Limitations & Future Work

  • Greedy algorithm theoretical guarantees do not apply to pseudo-distances (non-metrics), serving only as a heuristic.
  • Improvements in multimodal GUI experiments are marginal (5.8% → 6.6%); vision-dominant scenarios require further optimization.
  • BERTScore evaluations may themselves be biased.
  • Improvements: Exploring learned weights for importance/diversity; combining with in-context learning; researching more flexible style adaptation for reasoning models.
  • vs WebRL / WebAgent-R1: Online interaction RL vs. our offline data curation, avoiding environment rollout costs.
  • vs General Data Selection: General methods focus on model-independent sample representativeness; Weasel is designed specifically for web agents using goal-conditioned importance.
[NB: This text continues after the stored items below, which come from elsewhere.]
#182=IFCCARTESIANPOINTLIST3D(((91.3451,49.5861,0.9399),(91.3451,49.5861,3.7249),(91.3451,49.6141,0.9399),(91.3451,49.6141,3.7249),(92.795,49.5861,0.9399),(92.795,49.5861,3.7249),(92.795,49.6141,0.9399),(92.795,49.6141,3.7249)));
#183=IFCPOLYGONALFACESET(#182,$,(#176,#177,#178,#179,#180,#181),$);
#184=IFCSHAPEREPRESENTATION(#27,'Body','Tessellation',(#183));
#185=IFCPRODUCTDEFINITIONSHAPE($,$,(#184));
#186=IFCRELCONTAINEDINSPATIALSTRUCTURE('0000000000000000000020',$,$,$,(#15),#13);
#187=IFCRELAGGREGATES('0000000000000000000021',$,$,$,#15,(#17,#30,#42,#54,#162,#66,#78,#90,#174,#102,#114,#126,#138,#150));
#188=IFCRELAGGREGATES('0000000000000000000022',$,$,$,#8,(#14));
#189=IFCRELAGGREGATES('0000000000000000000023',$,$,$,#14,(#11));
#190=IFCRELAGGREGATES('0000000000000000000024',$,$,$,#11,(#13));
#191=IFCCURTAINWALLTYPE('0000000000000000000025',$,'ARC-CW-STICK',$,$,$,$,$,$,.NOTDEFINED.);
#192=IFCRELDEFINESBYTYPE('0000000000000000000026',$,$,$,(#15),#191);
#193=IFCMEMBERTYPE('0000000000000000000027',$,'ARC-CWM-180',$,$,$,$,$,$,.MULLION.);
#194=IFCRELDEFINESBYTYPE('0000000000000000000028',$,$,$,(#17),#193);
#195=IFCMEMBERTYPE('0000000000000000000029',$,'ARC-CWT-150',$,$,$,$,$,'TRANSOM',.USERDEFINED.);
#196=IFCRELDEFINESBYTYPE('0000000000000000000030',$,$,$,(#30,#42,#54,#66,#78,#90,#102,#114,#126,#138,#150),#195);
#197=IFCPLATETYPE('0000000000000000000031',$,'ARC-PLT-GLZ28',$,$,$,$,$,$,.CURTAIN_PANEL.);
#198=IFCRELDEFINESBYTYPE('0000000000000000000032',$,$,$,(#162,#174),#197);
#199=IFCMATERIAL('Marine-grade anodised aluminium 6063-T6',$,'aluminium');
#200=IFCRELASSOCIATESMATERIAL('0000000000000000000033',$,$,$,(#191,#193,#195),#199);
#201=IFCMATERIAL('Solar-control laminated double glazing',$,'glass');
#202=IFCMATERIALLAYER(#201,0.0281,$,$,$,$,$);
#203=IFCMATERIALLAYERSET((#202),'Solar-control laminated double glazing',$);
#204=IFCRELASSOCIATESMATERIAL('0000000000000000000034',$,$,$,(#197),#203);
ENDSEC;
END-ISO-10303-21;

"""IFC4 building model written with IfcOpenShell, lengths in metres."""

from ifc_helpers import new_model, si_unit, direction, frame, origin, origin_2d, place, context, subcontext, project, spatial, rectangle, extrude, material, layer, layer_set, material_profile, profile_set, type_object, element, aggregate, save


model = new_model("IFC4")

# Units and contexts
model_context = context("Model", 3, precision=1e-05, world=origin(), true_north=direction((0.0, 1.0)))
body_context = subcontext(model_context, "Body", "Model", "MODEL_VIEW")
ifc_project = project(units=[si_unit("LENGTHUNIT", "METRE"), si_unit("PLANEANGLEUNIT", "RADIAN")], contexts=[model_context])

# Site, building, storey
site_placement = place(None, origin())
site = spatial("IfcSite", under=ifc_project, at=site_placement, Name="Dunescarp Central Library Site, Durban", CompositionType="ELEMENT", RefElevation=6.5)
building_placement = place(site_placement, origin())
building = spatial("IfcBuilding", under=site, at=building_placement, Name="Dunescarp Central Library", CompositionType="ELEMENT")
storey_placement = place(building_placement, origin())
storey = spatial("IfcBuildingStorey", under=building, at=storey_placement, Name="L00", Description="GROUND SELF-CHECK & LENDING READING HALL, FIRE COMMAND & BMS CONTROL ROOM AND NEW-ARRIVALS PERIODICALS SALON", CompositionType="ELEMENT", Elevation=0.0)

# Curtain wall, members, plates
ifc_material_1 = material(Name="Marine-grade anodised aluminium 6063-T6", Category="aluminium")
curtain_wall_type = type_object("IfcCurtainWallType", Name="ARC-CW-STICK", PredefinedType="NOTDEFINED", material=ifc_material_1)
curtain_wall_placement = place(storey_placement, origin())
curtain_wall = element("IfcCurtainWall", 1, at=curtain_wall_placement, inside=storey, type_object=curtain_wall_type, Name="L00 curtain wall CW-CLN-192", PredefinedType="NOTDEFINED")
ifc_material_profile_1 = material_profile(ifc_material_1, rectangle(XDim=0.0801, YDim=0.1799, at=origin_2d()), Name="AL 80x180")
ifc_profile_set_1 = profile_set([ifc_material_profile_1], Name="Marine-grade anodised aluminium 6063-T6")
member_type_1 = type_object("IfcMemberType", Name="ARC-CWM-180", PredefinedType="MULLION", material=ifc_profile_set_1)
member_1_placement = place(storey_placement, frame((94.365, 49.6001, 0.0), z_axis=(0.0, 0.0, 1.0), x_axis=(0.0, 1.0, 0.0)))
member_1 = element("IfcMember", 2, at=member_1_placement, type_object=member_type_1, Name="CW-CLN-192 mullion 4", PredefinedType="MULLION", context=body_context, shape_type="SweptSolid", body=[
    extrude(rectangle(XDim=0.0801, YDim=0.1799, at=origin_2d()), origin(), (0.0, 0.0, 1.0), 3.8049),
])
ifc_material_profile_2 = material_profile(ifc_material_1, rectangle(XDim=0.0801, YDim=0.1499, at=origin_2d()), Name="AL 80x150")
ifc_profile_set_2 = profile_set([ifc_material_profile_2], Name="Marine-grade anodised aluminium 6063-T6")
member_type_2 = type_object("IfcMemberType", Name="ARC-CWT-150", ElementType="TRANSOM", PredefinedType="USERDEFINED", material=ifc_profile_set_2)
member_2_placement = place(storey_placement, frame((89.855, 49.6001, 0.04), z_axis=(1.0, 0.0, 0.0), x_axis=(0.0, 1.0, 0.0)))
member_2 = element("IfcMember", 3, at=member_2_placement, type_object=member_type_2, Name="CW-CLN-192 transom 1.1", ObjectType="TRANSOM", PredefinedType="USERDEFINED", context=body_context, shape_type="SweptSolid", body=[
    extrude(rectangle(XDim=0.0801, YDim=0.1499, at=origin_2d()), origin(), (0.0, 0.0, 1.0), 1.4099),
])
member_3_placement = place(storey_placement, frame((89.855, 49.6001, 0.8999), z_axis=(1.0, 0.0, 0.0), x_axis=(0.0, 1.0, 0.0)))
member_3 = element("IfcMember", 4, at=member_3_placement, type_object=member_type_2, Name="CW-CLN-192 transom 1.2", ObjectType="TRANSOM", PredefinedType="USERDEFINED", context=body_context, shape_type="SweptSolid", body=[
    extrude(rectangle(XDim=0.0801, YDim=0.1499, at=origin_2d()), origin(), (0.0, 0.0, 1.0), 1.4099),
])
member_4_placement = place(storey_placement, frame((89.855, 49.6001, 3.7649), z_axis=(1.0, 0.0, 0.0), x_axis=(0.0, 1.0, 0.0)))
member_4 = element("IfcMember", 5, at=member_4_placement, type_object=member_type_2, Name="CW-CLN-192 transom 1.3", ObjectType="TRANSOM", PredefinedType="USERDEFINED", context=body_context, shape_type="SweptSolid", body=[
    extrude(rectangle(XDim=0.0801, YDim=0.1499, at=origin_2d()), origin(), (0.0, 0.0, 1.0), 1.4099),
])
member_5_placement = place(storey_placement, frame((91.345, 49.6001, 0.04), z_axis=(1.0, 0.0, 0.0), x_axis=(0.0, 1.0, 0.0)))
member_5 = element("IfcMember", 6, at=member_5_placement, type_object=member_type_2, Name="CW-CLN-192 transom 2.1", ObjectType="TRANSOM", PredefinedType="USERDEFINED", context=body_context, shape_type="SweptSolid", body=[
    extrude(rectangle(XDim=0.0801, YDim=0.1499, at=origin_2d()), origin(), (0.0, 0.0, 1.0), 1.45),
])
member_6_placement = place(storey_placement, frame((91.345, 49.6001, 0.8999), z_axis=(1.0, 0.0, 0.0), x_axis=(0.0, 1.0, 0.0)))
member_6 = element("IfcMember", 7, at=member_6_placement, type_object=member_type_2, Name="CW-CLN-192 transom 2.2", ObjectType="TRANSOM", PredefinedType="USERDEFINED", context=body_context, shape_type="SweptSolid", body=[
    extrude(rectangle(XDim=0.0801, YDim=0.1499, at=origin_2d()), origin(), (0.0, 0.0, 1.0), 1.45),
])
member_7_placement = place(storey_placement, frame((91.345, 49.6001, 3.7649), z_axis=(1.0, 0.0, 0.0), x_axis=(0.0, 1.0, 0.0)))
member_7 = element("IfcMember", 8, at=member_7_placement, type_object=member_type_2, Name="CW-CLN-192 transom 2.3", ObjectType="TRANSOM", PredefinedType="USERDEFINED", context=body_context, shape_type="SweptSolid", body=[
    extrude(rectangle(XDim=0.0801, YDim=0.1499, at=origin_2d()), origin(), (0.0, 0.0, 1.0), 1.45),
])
  • vs Other State Pruning: Lee et al. introduce extra parameters via learned modules or retrieval; Weasel is a lightweight parameter-free design.
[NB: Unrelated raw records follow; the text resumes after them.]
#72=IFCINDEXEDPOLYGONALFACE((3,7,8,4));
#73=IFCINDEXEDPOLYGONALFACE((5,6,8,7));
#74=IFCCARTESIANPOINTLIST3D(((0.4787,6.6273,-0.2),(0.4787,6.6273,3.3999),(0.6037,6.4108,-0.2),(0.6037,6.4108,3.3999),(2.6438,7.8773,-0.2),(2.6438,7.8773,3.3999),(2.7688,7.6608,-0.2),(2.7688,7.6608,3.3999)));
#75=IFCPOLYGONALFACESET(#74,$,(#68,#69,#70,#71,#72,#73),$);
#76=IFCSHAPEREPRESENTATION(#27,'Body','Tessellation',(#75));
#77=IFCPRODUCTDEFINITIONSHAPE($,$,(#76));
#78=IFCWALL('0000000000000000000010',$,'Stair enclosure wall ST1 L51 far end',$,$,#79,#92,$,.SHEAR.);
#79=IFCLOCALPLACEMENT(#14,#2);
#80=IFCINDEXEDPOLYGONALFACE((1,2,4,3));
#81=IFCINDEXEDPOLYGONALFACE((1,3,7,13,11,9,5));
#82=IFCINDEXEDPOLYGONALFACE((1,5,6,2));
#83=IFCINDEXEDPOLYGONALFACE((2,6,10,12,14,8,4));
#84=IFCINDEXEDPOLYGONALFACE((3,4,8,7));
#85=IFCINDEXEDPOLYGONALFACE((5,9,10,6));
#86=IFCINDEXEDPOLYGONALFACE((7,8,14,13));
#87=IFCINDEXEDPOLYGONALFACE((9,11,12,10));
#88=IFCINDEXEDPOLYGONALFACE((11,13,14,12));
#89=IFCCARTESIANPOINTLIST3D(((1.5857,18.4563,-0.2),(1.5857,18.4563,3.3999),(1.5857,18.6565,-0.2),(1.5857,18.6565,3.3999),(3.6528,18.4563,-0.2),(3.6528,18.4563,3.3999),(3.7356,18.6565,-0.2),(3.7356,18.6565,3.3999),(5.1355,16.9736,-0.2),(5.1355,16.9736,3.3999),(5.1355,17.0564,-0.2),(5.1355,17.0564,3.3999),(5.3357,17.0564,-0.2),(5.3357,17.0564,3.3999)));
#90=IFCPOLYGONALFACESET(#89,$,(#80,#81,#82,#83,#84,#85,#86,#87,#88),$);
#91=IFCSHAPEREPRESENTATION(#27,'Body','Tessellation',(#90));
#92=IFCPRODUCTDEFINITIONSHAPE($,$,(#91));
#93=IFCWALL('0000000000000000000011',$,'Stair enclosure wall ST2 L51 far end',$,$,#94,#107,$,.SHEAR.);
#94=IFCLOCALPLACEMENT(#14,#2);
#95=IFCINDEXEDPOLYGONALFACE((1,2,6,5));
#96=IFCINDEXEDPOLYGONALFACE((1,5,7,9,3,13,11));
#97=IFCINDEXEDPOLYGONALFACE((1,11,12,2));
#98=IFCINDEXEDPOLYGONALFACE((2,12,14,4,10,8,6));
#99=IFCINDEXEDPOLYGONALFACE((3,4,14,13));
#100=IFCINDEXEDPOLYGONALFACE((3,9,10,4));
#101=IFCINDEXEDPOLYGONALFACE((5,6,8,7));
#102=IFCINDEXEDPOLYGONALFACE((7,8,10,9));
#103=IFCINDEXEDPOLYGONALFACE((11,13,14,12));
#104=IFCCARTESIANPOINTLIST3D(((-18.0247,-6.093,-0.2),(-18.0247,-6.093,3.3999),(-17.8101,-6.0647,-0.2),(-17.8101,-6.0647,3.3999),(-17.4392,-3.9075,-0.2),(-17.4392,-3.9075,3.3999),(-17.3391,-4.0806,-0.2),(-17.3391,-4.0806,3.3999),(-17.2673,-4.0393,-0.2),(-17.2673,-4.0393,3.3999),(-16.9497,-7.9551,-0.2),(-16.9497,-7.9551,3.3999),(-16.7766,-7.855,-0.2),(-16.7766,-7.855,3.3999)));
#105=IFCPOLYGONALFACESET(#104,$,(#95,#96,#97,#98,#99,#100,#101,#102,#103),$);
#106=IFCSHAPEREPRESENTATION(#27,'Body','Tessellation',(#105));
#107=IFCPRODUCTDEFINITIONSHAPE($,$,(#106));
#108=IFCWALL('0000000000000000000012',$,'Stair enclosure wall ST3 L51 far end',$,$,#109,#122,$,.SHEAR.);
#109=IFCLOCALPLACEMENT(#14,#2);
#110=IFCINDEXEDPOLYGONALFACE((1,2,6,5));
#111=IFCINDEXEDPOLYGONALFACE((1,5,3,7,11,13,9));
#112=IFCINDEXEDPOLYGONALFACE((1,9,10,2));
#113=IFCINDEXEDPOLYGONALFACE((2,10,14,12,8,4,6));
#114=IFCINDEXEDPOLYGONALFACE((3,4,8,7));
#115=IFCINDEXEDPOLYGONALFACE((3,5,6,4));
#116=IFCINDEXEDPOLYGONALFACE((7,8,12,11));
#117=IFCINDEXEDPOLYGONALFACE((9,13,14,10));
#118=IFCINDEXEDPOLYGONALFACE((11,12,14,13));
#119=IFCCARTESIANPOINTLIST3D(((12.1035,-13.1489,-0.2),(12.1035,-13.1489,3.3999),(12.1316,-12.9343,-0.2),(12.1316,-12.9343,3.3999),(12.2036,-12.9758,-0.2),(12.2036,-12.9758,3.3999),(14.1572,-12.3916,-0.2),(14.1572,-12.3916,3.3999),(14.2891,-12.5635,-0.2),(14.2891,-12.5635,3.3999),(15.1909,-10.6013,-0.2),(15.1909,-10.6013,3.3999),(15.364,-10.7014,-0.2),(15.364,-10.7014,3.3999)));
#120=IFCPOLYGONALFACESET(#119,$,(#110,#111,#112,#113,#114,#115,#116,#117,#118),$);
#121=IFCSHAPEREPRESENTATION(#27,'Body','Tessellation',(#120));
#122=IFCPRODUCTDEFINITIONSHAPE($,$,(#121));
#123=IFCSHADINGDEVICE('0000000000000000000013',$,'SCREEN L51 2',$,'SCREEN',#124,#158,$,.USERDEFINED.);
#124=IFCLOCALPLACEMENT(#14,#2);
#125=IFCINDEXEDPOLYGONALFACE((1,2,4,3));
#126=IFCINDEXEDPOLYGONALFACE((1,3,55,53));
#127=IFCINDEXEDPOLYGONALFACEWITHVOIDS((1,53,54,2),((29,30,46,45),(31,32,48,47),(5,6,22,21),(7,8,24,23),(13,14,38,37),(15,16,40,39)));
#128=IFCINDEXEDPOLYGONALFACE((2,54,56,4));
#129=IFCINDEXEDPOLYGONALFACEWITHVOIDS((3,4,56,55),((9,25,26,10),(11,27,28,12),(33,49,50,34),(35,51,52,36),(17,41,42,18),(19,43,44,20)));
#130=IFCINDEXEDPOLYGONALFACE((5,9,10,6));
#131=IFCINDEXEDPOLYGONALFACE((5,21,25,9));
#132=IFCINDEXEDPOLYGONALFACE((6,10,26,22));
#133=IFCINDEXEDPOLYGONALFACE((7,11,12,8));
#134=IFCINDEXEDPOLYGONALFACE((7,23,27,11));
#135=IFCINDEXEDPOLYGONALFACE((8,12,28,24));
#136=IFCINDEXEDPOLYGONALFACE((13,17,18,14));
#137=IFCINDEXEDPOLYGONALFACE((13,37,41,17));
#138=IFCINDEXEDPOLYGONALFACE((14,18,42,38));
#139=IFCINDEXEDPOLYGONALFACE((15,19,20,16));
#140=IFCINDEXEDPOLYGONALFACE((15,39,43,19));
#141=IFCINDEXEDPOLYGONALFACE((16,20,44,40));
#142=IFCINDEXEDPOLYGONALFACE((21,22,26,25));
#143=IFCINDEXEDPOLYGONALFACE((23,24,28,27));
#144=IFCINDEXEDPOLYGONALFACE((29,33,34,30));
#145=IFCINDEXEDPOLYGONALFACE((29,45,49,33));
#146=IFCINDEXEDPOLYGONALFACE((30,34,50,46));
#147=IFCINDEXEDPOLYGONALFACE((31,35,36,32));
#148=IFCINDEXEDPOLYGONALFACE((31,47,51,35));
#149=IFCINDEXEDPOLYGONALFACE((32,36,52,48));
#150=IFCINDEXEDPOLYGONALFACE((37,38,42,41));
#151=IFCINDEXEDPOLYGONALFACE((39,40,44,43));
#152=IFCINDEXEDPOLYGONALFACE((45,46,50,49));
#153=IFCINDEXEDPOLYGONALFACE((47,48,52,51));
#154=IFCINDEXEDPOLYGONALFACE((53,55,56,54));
  • vs Instruction Tuning Optimization: Preference optimization targets alignment; Weasel optimizes both generalization and efficiency.

Rating

  • Novelty: ⭐⭐⭐⭐⭐ First to introduce max-sum diversification to web agent data selection.
  • Experimental Thoroughness: ⭐⭐⭐⭐⭐ 3 LLMs + multiple benchmarks + cross-domain validation + full ablation.
  • Writing Quality: ⭐⭐⭐⭐⭐ Clear structure with rigorous formalization.
  • Value: ⭐⭐⭐⭐⭐ Directly beneficial for practical web agent deployment.